Unlike the relative residuals, for both problems the norm of the error initially decreases but then starts to increase. This increase occurs during the semi-convergence phase for baart but for the wing problem the errors increase before semi-convergence and exhibit a sawtooth-like behaviour. This highlights the importance of applying a sensible stopping criterion and the potential unsuitability of standard (unpreconditioned) GMRES for some ill-posed problems. Interestingly, (5) seems to provide a better indication of when the iterations should be stopped than the onset of semi-convergence for the wing problem for noisy right-hand side vectors, although we have not investigated this further.
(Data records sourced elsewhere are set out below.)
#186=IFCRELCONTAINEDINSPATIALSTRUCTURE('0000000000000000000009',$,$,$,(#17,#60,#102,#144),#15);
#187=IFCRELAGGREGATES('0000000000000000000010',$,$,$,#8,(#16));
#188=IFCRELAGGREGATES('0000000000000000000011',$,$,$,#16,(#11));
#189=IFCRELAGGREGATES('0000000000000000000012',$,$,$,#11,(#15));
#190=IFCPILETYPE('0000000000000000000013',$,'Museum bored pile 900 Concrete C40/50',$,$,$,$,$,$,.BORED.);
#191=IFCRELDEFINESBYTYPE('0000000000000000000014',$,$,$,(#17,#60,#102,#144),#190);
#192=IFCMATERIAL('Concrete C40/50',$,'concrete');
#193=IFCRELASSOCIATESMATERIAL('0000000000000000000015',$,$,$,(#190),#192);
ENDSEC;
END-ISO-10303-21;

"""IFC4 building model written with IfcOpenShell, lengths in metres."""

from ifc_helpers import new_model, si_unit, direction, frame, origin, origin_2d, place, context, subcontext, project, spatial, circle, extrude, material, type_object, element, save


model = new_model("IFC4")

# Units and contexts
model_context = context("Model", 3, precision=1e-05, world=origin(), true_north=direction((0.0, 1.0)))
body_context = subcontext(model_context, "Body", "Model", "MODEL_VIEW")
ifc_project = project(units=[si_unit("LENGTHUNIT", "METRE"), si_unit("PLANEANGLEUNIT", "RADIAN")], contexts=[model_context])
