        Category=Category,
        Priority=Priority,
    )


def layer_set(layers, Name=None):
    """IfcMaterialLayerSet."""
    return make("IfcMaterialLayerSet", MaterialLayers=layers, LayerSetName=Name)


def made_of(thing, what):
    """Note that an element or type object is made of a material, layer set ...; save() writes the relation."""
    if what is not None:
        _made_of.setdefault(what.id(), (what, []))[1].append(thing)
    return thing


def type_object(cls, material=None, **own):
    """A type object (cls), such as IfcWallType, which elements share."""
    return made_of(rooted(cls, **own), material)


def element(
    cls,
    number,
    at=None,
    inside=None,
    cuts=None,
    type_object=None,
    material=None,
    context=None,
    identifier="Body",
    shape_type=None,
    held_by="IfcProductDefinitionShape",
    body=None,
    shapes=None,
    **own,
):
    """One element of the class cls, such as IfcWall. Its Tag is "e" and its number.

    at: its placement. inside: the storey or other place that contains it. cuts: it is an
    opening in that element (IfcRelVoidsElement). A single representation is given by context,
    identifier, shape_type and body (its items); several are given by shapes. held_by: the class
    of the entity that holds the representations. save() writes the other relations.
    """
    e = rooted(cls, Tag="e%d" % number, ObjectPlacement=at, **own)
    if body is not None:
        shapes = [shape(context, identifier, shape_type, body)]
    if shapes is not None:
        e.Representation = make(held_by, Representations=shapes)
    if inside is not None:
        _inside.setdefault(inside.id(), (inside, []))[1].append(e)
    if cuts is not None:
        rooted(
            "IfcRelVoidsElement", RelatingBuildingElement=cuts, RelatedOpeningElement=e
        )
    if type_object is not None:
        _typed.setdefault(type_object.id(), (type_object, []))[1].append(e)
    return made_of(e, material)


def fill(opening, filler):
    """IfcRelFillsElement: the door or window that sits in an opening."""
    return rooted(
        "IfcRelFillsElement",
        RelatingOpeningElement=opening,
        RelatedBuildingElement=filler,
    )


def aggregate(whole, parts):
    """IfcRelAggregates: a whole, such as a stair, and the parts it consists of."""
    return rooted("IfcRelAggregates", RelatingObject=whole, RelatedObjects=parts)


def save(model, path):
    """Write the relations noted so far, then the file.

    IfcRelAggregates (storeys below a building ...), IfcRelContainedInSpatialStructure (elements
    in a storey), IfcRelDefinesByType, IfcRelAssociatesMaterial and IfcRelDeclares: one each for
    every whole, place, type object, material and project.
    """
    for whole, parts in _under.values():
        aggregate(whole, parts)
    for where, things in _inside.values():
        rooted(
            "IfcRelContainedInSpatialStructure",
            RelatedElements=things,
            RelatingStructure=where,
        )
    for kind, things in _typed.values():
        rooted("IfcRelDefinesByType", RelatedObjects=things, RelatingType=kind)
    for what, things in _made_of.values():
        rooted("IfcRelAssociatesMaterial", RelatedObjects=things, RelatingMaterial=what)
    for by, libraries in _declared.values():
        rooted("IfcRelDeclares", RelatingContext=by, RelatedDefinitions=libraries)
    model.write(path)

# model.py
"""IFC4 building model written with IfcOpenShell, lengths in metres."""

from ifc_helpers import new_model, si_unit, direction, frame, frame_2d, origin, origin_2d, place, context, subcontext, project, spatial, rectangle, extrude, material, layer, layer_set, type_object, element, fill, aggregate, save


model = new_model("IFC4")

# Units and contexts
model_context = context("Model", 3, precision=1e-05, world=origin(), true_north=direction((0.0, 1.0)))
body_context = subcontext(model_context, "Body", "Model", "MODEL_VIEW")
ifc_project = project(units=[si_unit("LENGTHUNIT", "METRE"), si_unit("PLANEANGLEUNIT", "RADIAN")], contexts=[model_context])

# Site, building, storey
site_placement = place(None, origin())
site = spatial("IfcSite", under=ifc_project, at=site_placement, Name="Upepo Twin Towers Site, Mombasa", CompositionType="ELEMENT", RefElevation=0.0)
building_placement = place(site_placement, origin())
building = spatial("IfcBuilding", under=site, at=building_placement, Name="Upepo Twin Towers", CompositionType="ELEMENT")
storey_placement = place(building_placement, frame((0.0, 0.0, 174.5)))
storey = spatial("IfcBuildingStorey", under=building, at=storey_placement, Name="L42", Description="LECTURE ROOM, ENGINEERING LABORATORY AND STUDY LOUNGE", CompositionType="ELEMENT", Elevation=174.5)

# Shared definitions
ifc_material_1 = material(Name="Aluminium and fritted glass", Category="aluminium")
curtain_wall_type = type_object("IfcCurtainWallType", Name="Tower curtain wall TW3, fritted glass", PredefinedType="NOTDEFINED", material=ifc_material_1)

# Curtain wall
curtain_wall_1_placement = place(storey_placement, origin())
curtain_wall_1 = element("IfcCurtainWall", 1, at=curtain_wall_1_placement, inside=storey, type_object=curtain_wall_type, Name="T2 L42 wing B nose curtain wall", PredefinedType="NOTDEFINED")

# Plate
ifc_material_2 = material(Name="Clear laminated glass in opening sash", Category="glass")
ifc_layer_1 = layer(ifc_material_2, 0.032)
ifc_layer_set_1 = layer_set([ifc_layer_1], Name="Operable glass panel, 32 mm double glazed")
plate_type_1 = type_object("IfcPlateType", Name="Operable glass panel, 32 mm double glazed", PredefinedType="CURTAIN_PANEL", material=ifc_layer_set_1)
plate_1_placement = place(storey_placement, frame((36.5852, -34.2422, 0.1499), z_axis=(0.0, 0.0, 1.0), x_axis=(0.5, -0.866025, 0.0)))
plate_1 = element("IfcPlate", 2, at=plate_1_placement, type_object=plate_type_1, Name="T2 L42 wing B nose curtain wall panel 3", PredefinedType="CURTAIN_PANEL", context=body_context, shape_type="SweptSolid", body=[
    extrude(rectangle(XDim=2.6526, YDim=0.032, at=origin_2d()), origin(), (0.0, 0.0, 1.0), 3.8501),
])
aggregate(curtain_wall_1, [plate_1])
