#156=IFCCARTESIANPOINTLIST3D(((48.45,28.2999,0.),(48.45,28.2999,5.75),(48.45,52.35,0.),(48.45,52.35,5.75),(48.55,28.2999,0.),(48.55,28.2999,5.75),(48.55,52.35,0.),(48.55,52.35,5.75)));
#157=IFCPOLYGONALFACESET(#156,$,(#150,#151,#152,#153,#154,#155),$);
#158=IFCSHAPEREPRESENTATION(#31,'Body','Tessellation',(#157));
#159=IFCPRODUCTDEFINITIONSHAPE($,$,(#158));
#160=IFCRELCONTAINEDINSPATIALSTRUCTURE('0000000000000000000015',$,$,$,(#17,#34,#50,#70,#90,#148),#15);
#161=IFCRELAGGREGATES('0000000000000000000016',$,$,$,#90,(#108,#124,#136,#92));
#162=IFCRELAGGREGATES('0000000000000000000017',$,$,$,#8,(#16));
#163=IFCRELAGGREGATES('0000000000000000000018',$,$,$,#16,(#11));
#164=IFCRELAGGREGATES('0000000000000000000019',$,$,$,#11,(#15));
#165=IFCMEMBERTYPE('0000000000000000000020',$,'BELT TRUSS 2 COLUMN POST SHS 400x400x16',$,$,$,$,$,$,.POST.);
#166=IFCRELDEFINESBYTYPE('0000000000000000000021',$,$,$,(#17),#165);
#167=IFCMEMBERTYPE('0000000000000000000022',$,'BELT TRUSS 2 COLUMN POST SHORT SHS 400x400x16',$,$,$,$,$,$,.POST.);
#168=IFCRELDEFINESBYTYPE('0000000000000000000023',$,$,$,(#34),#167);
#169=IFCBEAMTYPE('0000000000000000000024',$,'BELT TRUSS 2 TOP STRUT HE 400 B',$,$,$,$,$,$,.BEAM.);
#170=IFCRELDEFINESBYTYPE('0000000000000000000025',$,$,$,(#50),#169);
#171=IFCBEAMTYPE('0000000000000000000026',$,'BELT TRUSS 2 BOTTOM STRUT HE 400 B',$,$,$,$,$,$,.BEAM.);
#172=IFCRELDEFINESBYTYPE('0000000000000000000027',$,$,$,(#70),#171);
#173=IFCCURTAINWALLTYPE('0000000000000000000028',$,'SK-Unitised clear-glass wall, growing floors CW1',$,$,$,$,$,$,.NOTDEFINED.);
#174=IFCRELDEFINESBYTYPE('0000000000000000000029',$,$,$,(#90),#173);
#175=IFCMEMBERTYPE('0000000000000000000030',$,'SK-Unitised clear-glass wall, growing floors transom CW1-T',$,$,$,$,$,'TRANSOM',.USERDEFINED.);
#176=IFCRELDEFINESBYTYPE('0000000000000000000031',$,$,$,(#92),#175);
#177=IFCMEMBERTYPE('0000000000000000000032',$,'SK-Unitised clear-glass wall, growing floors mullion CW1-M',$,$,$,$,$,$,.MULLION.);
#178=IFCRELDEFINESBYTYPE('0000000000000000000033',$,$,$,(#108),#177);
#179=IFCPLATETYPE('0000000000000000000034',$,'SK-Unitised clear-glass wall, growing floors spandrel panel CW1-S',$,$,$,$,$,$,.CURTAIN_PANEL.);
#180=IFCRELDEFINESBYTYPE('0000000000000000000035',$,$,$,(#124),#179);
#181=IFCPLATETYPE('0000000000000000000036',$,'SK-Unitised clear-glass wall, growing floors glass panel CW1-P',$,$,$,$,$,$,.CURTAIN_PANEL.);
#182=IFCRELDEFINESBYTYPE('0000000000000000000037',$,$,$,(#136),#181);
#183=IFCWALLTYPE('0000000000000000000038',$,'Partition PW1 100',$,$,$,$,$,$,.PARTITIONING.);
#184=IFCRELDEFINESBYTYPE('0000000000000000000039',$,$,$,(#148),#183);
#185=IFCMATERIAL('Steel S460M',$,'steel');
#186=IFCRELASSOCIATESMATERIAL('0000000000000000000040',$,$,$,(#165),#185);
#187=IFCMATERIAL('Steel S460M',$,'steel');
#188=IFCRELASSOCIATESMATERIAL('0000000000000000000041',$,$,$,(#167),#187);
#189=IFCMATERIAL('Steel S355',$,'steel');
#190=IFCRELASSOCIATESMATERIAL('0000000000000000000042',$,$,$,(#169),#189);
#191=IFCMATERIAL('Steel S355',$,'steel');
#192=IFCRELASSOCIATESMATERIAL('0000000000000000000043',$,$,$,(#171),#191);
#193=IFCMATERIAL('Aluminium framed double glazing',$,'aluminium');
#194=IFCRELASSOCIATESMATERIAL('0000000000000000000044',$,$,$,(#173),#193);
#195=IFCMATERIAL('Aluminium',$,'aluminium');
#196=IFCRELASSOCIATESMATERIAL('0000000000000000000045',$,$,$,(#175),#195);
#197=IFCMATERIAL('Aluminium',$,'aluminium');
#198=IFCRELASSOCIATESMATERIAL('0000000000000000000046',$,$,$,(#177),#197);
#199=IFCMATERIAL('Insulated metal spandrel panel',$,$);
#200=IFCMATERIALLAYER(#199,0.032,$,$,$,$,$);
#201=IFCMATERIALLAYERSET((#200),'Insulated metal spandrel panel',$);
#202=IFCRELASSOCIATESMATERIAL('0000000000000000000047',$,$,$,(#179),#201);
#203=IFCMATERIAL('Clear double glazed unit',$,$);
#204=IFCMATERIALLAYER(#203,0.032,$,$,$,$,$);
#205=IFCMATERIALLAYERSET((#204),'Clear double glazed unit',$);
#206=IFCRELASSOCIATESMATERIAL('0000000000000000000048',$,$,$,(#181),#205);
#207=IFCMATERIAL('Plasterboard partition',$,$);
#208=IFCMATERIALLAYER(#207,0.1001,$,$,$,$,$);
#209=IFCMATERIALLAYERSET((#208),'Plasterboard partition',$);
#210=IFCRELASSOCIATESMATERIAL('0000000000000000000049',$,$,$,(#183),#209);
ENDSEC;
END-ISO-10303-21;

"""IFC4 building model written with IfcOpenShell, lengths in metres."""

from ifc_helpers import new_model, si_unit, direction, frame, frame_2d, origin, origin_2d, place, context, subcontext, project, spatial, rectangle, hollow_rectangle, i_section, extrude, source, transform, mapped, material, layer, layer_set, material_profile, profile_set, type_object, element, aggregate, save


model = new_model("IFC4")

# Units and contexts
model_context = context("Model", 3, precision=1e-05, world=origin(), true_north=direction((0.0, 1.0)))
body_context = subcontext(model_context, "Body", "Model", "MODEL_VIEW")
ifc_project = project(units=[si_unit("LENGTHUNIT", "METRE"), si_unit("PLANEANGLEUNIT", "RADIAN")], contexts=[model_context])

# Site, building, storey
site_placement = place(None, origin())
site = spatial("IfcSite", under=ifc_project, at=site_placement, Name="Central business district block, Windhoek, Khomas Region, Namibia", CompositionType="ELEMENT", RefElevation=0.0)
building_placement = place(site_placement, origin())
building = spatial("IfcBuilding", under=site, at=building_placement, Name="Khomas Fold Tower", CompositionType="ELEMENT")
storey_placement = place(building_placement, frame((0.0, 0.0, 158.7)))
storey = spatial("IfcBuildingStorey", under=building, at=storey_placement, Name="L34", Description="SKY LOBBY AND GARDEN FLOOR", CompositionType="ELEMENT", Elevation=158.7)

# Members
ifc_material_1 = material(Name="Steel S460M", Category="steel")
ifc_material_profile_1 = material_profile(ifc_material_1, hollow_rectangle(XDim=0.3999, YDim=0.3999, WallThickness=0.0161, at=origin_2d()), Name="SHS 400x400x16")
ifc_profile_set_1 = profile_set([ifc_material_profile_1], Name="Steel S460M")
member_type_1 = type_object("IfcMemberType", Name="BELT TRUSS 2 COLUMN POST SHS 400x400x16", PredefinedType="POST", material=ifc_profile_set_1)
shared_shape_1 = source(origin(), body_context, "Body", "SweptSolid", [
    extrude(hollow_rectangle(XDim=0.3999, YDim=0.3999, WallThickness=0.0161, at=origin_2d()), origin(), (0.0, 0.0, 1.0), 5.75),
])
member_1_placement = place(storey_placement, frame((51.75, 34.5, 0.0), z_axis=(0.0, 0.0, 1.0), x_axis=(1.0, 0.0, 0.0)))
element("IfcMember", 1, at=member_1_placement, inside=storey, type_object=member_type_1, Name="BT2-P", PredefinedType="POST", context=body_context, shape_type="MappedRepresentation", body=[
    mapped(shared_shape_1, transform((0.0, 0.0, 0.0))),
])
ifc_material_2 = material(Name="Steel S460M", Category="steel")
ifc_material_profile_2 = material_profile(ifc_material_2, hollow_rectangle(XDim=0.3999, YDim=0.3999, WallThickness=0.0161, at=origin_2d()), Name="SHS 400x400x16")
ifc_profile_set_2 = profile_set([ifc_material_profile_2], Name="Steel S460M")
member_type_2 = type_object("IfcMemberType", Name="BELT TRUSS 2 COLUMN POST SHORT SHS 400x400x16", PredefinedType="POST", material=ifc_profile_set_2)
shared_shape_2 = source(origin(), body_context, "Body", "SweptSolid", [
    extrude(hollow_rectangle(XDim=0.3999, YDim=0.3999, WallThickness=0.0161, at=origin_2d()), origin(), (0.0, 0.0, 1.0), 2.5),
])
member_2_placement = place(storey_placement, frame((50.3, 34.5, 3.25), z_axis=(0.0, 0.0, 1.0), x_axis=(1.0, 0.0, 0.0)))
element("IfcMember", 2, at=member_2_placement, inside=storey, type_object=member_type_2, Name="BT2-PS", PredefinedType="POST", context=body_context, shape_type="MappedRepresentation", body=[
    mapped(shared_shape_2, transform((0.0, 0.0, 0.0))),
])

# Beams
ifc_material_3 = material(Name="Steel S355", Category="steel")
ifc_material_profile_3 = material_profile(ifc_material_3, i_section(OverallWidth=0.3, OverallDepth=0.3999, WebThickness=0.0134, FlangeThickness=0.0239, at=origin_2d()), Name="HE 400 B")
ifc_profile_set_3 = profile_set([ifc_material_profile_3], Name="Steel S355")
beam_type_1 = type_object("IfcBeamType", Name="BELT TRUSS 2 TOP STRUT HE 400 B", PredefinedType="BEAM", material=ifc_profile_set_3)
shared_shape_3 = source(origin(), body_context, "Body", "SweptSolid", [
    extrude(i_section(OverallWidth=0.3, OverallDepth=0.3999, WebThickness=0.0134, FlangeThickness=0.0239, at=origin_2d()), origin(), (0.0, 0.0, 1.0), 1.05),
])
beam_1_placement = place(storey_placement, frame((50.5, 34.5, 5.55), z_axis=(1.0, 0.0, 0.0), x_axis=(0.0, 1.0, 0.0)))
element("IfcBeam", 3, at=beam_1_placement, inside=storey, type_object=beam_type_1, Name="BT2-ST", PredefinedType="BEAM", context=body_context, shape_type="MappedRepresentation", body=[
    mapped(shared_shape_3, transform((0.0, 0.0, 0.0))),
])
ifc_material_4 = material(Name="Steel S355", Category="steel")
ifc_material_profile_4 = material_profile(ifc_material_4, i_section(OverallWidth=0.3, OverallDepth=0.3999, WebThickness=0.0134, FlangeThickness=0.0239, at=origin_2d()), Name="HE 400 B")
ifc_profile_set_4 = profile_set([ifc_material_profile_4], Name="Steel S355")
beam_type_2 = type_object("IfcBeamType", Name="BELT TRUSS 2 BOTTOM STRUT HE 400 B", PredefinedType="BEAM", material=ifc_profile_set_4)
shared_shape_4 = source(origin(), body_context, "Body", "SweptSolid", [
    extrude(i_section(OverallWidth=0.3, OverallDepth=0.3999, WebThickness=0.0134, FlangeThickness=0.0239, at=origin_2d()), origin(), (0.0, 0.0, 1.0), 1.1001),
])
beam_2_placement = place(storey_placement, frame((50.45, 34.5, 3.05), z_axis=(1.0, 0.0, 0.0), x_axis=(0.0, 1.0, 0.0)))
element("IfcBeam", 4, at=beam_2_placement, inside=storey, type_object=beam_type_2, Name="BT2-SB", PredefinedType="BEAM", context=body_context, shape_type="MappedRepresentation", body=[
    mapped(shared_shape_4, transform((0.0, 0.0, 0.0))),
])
It is clear from Fig. 2 that the bound (5) is very descriptive during the first phase of convergence. Although the bound is not quantitatively descriptive in the second phase of convergence, it accurately predicts the onset of semi-convergence. The approximation (7) is an upper bound on the relative residuals during the semi-convergence phase for both problems (see Fig. 3). Note that for both problems \(\alpha \approx 1\). Since (6) is an upper bound on (5), we cannot expect (7) to be quantitatively accurate. Nevertheless, it provides an analysis of semi-convergence and the factors that can affect the level at which residual norms stagnate.

5 Conclusions

In this paper we have applied simple bounds on GMRES convergence to the nearly singular systems that arise from ill-posed problems. We have shown that GMRES initially reduces the residual components associated with large eigenvalues. Once these components are commensurate with those associated with small eigenvalues semi-convergence sets in, with the level at which residuals stagnate determined by the sizes of small eigenvalues, the noise in the right-hand side vector, the size of \({{\varvec{b}}}\) and the eigenvectors associated with small eigenvalues.